Il cite Hadopi, et je doute qu'Hadopi ait quelque chose à foutre de l'adresse de réseau local...


----------



## edd72 (21 Juin 2012)

L'ip de ta Box fourni par ton FAI: http://www.frameip.com/whois/

Après l'IP de la machine sur ton réseau local, Hadopi s'en fout, c'est bien ce qui est entré dans ta Box qui a été "flashé" (peu importe que ça ait ensuite atteri dans le PC de tes parents ou dans ton Mac).

Tu utilises bine la même connection internet que tes parents?

2.2.xx.xx, c'est du France Telecom, ça colle?


----------



## Polo35230 (21 Juin 2012)

Bonsoir,

Si il n'y a qu'une box sur un réseau local, toutes le machines de ce réseau local utilisent la même adresse IP publique pour sortir sur internet.

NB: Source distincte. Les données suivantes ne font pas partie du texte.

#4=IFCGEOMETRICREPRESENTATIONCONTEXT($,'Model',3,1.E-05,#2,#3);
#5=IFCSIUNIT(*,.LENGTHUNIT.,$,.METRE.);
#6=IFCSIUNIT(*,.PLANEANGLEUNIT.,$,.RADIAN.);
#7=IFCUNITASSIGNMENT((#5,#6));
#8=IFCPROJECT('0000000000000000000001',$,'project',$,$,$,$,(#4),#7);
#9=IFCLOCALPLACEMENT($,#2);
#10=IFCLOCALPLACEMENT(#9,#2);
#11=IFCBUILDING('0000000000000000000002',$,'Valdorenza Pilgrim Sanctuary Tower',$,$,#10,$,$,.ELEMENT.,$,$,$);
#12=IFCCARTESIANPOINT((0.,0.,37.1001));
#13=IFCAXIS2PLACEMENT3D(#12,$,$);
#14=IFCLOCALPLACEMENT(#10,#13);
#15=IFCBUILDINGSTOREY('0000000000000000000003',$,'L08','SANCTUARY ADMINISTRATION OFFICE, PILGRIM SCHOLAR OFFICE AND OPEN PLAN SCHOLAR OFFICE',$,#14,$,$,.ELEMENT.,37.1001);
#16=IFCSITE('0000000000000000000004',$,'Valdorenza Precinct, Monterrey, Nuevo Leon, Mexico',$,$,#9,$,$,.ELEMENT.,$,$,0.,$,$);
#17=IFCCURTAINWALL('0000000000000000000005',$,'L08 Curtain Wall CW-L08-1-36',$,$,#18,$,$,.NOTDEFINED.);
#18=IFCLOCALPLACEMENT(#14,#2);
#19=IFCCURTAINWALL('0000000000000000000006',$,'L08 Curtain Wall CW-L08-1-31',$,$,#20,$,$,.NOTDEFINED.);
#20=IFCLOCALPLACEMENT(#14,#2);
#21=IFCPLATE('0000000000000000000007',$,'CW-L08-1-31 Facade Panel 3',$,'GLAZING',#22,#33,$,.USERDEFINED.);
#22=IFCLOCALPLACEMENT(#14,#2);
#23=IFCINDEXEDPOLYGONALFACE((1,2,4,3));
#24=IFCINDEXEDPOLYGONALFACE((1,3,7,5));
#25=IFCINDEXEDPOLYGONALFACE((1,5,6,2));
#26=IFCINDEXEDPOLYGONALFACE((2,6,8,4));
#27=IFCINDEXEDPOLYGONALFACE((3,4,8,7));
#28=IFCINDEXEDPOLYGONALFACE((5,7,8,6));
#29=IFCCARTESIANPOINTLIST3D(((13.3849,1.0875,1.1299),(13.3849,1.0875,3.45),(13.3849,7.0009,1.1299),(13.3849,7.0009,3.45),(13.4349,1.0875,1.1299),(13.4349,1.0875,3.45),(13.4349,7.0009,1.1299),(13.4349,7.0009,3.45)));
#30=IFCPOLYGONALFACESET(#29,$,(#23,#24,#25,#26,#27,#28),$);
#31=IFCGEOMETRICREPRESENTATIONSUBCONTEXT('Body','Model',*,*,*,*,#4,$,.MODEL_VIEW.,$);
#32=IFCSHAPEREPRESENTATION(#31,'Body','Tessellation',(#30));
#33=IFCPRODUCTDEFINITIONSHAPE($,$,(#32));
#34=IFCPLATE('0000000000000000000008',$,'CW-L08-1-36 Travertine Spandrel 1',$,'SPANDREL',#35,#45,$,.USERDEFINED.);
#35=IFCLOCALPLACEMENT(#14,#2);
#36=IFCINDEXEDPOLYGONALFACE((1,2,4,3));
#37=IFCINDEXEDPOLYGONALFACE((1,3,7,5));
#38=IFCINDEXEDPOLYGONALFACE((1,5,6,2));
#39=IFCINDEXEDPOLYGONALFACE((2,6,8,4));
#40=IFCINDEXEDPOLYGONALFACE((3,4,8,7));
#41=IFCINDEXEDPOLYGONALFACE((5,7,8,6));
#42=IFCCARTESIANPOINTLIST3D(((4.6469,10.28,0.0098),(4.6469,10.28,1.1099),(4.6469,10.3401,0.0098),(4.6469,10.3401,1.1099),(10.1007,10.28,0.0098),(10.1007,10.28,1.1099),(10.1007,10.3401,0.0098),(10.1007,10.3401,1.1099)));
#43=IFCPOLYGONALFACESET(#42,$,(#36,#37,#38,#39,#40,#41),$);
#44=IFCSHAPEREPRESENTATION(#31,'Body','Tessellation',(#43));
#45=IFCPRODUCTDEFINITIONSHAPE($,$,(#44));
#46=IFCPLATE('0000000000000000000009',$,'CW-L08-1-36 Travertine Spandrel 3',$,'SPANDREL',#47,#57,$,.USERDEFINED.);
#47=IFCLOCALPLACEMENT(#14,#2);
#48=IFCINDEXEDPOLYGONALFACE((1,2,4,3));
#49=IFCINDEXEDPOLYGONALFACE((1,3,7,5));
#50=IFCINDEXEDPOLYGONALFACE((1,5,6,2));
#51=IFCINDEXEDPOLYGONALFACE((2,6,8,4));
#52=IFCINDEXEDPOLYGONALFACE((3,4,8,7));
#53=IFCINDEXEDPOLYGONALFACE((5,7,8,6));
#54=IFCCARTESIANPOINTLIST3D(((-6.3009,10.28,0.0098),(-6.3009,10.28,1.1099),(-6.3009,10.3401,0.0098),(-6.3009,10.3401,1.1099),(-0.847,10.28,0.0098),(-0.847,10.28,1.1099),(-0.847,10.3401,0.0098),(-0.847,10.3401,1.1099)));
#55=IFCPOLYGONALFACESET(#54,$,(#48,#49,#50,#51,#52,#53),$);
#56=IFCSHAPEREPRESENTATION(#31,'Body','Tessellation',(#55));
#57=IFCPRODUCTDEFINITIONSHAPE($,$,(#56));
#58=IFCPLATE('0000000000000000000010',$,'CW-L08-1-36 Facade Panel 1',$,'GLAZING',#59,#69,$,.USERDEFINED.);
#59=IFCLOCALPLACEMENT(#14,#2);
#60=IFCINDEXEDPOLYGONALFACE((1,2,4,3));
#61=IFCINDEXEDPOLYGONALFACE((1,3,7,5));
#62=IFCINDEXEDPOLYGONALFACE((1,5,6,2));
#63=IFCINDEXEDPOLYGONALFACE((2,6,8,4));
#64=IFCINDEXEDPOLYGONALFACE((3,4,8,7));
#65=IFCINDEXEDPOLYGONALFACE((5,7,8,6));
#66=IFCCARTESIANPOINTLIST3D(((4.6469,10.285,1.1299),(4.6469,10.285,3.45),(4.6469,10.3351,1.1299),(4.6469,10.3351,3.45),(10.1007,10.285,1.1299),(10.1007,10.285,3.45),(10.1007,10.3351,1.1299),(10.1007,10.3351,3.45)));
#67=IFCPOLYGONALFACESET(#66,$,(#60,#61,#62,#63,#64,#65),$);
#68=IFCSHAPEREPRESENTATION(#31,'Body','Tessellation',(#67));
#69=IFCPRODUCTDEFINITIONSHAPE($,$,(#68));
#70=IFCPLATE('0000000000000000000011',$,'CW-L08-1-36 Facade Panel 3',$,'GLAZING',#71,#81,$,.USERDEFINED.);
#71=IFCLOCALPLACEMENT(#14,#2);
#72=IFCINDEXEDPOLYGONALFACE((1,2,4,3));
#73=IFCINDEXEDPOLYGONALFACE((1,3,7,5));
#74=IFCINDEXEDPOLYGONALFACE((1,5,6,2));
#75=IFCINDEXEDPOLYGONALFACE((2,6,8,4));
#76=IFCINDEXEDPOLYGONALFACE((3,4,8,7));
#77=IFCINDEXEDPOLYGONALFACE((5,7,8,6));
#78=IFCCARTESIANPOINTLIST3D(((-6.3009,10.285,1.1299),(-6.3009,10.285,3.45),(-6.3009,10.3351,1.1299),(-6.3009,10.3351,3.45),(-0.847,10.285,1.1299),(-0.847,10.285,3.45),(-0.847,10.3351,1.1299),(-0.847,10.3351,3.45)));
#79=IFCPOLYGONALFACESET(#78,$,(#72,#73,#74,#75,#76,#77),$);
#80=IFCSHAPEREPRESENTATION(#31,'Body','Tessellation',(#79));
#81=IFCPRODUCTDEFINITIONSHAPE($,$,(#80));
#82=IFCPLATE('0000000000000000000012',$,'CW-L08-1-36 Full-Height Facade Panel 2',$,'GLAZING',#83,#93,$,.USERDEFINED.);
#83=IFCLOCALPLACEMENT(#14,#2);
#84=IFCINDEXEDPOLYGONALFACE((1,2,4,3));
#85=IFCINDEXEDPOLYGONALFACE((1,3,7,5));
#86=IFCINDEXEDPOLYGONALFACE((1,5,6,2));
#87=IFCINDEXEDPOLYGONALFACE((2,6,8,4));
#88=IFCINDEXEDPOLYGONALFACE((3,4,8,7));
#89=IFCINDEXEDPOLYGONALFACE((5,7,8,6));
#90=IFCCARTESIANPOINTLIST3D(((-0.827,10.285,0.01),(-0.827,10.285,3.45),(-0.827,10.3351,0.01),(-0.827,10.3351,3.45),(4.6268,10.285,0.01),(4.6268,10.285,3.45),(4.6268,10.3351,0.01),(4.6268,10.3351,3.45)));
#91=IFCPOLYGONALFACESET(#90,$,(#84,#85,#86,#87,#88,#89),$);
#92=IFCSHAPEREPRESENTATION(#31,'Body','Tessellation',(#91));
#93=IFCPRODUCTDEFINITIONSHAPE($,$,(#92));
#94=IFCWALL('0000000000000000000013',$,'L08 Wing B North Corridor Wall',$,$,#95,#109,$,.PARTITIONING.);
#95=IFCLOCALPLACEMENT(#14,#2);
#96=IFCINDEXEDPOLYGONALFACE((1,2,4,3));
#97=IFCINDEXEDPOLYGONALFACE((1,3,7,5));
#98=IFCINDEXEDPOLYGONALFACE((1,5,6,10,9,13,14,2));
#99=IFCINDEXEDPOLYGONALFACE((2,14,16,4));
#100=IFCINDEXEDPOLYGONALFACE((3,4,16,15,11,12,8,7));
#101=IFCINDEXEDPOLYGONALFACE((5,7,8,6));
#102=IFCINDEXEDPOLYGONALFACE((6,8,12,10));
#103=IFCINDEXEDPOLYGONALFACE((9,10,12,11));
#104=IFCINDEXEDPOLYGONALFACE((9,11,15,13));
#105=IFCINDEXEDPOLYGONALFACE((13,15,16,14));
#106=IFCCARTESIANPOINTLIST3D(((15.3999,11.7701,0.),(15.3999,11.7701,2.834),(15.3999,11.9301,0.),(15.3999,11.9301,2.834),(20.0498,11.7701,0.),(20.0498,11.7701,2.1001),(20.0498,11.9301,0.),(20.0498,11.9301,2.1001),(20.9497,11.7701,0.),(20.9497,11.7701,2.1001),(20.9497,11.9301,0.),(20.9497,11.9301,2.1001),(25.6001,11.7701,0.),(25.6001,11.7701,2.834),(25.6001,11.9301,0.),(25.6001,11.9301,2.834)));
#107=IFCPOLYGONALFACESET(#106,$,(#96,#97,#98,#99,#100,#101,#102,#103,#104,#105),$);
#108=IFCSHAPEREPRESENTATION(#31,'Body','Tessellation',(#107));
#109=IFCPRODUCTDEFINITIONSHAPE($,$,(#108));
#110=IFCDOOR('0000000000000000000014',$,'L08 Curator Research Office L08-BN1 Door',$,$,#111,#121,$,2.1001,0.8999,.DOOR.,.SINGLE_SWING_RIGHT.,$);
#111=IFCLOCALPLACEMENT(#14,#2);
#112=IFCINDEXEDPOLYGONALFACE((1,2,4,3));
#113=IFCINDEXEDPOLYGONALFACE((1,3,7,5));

Les posts ci-dessus donnent bien les différentes solutions pour connaître son adresse IP publique.
C'est bien sûr valable à un instant t.

Manque de bol, visiblement, vous êtes chez Orange, et l'adresse IP publique n'est pas fixe dans l'offre de base.
C'est pareil chez moi, Orange change très souvent mon adresse IP publique (j'évolue aussi sur des adresses en 86. et en 2.), et je suis aussi en Bretagne...
Les adresses en 2.2.x.y sont bien des adresse IP attribuées par Orange (comme celles en 86.)

La box orange ne garde pas (à ma connaissance) d'historiques d'attribution d'adresses.
Par contre, et même si sur le site d'Orange, on ne peut pas consulter son propre historique, ça me semble à peu près certain que le FAI (Orange dans votre cas) en conserve une trace. Trace qu'ils peuvent être amenés à fournir à la justice...
Enfin, je crois...


----------



## Larme (21 Juin 2012)

Oui. Il me semble que pour des raisons légales, les FAI sont obligés de garder cet historique durant X années.


----------



## chafpa (22 Juin 2012)

sparo a dit:


> http://www.monip.org/


Simple, super rapide et efficace


----------



## HaloMystic (4 Octobre 2012)

Larme a dit:


> Oui. Il me semble que pour des raisons légales, les FAI sont obligés de garder cet historique durant X années.



si c'est le cas il ne vont pas être déçu... enfin j'ai abandonné le ddl illégal affaire réglée.Normalement c'est au bout du courrier chez soi qu'il faut ce méfier...


----------